Her last days were spent reflecting on the path of life and where it ends. Marian accepted it all with open eyes and no regret, prepared for what comes next, that which she and her sons discussed in terms of The Great Mystery. She made that transition willfully and courageously, letting go lightly to a life she otherwise held on to tightly, soaring like a White Swan into the eternal afterlife.
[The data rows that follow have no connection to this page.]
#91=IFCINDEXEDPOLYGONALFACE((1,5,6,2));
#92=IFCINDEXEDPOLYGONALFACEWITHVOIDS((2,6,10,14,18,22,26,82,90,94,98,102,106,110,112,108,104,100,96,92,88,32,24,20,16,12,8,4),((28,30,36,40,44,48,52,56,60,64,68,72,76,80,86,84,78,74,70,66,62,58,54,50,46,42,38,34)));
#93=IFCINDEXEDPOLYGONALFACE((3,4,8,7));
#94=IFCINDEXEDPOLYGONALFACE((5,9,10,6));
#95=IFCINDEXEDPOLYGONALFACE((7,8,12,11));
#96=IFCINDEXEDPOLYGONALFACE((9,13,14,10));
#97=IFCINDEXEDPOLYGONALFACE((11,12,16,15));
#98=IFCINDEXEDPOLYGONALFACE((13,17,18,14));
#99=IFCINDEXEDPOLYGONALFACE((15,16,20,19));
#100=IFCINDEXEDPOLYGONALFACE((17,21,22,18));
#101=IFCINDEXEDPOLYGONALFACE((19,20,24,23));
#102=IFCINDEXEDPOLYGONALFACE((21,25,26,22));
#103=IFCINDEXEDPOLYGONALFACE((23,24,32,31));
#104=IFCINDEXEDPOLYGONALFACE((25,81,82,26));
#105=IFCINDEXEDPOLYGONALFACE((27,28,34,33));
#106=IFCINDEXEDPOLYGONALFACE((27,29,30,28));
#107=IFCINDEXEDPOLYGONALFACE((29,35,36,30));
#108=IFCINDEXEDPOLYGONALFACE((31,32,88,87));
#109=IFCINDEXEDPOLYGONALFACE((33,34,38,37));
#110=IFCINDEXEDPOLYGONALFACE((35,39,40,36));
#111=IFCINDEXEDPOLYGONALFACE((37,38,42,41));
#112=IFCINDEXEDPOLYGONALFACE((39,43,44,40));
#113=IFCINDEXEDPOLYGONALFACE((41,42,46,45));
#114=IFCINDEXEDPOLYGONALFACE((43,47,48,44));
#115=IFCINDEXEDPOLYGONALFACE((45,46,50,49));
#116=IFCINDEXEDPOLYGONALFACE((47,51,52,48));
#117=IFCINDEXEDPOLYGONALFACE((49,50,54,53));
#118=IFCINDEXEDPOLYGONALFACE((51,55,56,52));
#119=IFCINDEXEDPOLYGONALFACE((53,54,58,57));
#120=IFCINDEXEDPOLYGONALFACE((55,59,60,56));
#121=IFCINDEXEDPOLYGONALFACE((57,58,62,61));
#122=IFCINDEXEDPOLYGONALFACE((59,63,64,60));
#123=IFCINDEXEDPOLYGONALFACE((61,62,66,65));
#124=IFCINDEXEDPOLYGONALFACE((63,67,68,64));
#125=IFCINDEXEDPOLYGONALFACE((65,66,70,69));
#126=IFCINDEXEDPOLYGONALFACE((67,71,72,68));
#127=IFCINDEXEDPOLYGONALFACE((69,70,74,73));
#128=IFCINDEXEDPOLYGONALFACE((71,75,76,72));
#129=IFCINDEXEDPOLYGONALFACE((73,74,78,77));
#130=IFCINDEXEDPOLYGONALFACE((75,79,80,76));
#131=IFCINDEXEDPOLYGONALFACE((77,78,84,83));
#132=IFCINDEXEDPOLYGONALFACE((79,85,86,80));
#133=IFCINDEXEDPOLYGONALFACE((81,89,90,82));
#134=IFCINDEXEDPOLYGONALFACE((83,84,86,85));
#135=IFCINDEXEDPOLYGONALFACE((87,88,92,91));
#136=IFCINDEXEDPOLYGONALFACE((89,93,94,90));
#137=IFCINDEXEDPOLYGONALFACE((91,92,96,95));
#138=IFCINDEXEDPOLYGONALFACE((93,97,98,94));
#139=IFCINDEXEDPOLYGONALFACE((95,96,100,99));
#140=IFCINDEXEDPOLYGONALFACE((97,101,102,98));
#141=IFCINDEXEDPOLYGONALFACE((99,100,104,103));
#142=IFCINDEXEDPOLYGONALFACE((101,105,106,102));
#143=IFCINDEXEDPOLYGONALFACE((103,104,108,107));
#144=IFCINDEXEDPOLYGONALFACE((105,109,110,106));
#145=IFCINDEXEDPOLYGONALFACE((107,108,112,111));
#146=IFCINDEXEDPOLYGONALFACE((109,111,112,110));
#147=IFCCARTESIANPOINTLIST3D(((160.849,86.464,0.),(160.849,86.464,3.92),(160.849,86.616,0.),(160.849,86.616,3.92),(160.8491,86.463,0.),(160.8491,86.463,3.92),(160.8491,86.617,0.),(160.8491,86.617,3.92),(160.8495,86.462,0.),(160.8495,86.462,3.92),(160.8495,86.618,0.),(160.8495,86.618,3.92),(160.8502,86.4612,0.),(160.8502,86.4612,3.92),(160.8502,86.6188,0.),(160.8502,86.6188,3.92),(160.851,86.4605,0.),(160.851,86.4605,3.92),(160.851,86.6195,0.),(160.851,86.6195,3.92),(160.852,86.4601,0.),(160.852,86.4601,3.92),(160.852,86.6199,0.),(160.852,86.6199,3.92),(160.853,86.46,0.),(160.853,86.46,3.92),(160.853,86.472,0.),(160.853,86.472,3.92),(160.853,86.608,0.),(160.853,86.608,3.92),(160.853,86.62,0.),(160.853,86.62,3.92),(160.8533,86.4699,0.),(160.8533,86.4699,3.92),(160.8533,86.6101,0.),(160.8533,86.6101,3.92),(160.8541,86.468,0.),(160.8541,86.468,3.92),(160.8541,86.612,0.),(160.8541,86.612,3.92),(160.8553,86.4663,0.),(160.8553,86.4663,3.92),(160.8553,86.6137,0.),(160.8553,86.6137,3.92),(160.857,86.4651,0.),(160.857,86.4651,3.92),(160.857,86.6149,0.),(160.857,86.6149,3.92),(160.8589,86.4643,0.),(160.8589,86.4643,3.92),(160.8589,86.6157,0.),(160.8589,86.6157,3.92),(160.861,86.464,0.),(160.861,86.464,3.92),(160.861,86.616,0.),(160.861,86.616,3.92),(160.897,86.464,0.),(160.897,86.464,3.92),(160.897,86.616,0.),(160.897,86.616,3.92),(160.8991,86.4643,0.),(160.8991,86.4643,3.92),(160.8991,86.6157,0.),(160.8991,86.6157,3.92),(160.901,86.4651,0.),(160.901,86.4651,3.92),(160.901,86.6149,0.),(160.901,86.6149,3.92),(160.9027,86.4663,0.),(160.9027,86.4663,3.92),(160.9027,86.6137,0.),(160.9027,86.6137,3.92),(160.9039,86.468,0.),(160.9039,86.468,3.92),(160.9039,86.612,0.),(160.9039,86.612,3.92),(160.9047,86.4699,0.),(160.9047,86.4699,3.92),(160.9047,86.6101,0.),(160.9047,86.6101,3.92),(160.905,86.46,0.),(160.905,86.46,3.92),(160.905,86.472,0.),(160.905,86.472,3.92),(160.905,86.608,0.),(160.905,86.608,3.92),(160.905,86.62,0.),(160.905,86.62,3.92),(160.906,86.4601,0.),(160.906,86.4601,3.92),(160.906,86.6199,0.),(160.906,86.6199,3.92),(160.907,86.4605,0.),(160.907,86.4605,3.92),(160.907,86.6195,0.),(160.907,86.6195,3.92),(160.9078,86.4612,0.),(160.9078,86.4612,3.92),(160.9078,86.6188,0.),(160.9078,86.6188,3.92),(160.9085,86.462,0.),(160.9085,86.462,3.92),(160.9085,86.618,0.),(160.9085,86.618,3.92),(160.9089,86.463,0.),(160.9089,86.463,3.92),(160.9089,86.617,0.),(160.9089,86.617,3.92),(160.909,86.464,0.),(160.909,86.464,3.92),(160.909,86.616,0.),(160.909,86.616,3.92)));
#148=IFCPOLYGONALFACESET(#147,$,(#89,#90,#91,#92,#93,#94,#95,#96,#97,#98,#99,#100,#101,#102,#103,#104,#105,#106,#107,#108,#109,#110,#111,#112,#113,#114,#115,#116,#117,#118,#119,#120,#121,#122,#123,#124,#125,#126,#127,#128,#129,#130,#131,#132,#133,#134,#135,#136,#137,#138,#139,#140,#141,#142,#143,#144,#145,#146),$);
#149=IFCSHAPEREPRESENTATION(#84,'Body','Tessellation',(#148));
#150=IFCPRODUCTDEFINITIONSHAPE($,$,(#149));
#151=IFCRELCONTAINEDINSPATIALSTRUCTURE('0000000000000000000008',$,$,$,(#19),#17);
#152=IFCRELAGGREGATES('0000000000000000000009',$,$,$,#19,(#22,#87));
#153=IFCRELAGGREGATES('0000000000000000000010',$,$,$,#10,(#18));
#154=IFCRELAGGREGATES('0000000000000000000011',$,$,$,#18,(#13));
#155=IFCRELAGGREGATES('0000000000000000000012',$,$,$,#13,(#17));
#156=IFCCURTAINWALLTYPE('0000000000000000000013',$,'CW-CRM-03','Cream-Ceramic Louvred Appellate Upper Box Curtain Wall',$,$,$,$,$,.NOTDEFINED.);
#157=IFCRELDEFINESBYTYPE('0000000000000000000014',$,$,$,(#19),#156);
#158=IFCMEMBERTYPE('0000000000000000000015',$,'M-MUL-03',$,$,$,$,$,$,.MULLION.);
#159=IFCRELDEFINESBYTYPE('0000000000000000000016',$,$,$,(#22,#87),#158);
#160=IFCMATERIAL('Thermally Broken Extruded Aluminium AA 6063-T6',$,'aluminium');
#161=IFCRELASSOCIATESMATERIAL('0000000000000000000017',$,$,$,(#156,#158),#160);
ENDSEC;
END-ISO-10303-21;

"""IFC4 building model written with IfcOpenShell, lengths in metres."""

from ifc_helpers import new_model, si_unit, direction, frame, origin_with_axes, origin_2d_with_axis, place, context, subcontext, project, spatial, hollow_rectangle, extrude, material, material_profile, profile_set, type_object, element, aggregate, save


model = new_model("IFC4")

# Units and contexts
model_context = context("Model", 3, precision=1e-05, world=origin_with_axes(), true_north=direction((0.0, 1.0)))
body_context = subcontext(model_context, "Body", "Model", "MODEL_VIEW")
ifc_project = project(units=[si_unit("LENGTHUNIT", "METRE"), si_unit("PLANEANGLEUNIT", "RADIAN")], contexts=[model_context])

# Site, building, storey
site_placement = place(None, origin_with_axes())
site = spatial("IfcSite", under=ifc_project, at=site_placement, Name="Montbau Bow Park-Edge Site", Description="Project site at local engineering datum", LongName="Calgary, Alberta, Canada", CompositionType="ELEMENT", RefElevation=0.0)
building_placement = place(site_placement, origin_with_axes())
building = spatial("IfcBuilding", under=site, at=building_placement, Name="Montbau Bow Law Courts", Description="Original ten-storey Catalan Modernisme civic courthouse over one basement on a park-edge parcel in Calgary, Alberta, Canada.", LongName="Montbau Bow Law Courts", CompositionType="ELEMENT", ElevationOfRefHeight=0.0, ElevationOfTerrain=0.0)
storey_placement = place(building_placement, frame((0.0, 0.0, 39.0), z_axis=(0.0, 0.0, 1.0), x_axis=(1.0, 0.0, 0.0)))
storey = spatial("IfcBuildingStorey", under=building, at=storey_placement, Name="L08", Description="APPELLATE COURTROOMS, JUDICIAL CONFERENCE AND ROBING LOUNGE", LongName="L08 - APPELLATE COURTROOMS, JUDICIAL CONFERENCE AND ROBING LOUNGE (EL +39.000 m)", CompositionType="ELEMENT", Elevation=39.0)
Given her abiding love for the forces of Nature — particularly the Sea and Sky — it is perhaps fitting to close with a poem written by Theodore Stanley Wilder (father of Marian’s best life-long friend: Anita Rubira Wilder Smith): 

            “Whirl me up, and out, and away

            To a place with limits wide.

            Where there’s naught to see —

            But immensity

            Much to think and little to say —

            Thoughts my only guide.

 

            Oh give me, high in the fresh-wash’d blue,

            A couch on that cloud of snow.

            And there I’ll eye,

            With sight that is new,

            Mysteries of the windy sky —

            Forgetting the Earth below.

 

            Or, tonight let me be on a rock by the sea

            With the swish of the waves on the sand

            In the dark of the night,

            With the stars ancient light —

            Teach me there to understand

            The Universe and me.

 

            So, whirl me, to-day, away, away

            To a place which reaches wide.

            Where there’s much to think and little to say

            And my thoughts are my only guide.”

                           - TSW (1918)


Marian is survived by her sons and granddaughters: Richard “Andy” St. Onge and his daughter Bruna Brown St. Onge (22), of Sunset Beach, Hawaii; and Joe St. Onge and his daughters Neve Lee (13) and Soleil Gillian St. Onge (10), of Hailey, Idaho. She is also survived by her life-partner Marshall Smith of Truro, as well as her brother Clark of Los Angeles. There will be no funeral or memorial service at her request. Adieu.